Other recent evidence points to a role for dendritic cells (DCs) in antigen presentation to primary B cells. It has been reported that DCs pulsed with soluble antigen can prime naïve B cells in T cell–dependent responses in vivo and in vitro⁹. Direct contact between the DCs and the B cells was required for subsequent B cell antigen presentation to T cells. DCs that were antigen-pulsed and then lysed were ineffective, which suggests that DCs play an active role in antigen priming. In these studies it was found that a fraction of the native antigen internalized by DCs was protected from intracellular degradation for at least 48 h⁹. In addition, a subset of DCs that traffics to primary lymphoid follicles is effective at promoting primary B cell differentiation¹⁰. DCs are also implicated in carrying intact virus to the lymphoid organs for generation of an effective humoral immune response¹¹.

According to Neuberger's data² antigen-specific B cells can extract membrane-bound antigens from cells such as transfected fibroblasts, which clearly are not professional antigen presenters. The polymeric nature of the membrane-displayed antigen and the close cell-cell contact provided in this system² may permit amateur APCs to function under these circumstances. Not all antigens insert themselves into a cell membrane, however.

How might the immune system take advantage of the B cell synapse to optimize the effectiveness of encounters between B cells and soluble toxin or circulating viruses? The answer may lie, in part, in the innate mechanisms of antigen binding by professional APCs. DCs and macrophages express a variety of lectins and scavenger receptors that facilitate direct or indirect recognition of carbohydrate patterns, bacterial structures, apoptotic cells and debris associated with cell damage¹². These receptors may represent a branch of the innate immune system that is specialized to capture specific classes of intact antigens, which are evolutionarily connected to pathogens. Maturing DCs have a remarkable capacity to internalize and protect intact antigens in lysosome-like compartments. With maturation of the DC, many of these antigens are degraded, but many may also be moved to the surface as intact antigens.

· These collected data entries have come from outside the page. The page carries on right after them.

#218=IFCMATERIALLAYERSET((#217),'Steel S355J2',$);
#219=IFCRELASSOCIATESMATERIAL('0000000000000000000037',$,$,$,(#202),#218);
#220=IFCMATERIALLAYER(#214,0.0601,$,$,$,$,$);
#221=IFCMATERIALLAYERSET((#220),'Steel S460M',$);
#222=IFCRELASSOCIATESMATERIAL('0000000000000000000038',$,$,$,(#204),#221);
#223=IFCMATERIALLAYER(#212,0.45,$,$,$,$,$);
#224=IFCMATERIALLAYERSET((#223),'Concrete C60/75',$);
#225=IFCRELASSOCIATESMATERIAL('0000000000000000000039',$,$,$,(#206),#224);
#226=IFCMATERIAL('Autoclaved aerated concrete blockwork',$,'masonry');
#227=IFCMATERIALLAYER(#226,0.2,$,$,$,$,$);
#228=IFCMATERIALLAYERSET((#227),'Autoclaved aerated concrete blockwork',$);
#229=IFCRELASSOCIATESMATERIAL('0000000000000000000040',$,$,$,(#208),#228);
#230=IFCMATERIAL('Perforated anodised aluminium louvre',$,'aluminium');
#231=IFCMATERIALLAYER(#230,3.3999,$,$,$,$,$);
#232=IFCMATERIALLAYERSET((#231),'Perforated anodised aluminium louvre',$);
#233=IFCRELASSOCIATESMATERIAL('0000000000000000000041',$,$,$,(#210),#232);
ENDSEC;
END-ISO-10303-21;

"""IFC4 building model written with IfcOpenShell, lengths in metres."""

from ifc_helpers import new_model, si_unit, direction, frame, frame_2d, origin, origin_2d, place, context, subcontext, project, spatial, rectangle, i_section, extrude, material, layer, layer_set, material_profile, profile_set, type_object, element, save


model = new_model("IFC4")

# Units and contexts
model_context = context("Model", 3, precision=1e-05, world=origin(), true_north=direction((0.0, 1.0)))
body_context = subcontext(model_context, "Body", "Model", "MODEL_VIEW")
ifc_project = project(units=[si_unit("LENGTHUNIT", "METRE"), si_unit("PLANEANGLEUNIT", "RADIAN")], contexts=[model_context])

A number of pathogens can initiate the mannan-binding lectin and alternative pathways of complement activation. The classical and alternative pathways of complement activation all tag antigens with C3 cleavage products, which are ligands for the CD21 and CD35 complement receptors. Thus, antigens can be bound to complement receptors even in the absence of complement-fixing antibody. In addition, even antigen-naïve animals often express “natural antibodies”. These are immunoglobulin M (IgM) and, less commonly, IgG or IgA; they bind many toxins, carbohydrates and other common repetitive structures that are associated with various pathogens. The immunoglobulins may fix complement or bind to Fc receptors, thus permitting the construction of immune complexes for presentation before the development of acquired immunity.

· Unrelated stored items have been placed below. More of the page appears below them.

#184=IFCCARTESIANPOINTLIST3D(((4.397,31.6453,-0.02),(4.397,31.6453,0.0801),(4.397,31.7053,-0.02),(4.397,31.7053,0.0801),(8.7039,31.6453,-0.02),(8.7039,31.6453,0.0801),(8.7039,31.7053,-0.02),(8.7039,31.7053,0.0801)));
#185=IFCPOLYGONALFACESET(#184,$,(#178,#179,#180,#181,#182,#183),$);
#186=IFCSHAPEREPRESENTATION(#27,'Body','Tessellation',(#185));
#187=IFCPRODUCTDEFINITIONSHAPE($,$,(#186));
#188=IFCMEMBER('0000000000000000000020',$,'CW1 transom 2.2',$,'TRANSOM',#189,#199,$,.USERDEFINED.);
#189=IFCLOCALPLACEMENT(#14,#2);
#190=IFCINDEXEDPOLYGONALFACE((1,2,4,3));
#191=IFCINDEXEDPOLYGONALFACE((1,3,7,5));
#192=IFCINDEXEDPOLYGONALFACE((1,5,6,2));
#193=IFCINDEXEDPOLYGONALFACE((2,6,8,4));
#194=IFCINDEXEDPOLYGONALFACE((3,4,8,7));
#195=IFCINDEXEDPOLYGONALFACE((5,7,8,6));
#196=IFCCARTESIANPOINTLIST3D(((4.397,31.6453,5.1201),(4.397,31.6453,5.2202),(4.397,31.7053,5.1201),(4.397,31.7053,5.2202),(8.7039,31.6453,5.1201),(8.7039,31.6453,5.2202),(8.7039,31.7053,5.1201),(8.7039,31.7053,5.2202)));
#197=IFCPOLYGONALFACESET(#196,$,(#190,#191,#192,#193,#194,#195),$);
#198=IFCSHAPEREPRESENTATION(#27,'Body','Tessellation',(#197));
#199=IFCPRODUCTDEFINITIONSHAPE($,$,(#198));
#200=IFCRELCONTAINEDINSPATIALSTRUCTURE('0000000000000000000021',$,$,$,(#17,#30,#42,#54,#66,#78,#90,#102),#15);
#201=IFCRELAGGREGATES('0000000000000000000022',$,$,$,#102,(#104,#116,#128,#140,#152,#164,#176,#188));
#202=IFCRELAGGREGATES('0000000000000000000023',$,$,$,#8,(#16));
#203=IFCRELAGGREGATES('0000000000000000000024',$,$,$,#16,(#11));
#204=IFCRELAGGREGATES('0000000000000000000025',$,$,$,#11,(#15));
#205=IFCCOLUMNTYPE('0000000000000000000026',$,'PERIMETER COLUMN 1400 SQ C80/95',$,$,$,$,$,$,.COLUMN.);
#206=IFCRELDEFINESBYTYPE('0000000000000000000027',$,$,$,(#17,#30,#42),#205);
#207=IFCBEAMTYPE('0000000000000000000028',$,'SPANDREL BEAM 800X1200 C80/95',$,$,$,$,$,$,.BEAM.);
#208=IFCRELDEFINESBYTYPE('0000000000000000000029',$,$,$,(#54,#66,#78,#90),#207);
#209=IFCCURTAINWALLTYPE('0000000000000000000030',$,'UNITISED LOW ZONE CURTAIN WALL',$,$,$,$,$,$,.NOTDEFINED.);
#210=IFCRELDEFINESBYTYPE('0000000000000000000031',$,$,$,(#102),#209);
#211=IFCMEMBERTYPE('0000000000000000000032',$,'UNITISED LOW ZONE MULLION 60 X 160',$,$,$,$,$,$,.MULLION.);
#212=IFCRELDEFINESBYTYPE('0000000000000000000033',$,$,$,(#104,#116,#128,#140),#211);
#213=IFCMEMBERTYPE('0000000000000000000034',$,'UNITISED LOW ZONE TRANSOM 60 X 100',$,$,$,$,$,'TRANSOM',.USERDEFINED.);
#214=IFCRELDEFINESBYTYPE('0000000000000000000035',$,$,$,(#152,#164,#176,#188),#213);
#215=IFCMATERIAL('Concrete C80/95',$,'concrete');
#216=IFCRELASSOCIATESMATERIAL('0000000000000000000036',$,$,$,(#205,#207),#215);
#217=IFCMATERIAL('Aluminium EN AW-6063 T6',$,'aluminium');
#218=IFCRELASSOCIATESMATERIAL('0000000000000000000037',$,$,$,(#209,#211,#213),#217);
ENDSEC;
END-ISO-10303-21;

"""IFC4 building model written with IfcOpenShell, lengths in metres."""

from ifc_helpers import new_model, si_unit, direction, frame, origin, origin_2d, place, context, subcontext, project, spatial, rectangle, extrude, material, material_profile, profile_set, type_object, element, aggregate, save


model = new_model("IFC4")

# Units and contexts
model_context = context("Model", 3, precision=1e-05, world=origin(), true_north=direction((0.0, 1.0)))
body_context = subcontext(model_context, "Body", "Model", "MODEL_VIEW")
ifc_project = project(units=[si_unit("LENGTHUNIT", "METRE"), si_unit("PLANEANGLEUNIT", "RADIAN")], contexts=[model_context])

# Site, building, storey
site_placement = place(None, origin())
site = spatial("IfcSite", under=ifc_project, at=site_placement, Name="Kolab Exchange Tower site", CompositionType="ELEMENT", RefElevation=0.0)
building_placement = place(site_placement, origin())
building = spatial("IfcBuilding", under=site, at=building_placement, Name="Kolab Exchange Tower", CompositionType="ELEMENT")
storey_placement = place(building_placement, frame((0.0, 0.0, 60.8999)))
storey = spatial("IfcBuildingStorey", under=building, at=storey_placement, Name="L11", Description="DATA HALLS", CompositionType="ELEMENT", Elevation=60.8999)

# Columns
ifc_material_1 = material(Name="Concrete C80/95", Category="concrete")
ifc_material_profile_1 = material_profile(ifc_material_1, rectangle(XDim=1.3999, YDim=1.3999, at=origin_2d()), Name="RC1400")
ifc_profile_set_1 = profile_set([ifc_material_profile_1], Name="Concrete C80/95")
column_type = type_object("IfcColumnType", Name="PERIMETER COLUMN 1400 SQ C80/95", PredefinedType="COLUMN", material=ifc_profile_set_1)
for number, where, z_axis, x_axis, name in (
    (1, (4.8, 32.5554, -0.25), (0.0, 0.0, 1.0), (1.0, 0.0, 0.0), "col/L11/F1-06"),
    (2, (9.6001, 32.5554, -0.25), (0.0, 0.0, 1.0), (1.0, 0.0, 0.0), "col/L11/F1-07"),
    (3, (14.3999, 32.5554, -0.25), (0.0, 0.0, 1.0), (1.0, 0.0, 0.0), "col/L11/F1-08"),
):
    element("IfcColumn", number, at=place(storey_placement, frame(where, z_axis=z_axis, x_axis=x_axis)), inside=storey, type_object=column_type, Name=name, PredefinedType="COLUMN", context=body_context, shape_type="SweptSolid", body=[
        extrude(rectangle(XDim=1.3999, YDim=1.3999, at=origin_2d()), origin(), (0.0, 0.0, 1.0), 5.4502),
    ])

Thus, a division of labor may emerge in intact antigen presentation. DC subsets may present antigen to naïve B cells, whereas the distinct lineage of FDCs may present antigens to activated B cells and evolving memory cells in the germinal centers. B cells may take the relayed antigen and present pro-cessed forms to T cells. Further study is required to establish the physiological importance of this chain of events now that the synaptic basis of a new link has been highlighted by Neuberger and colleagues². Appre-ciating the immunological relay race may provide clues to enhancing the collaboration between DCs, B and T cells in vaccine development and provide approaches for strategically fumbling the antigenic baton, to help prevent or treat autoimmune diseases.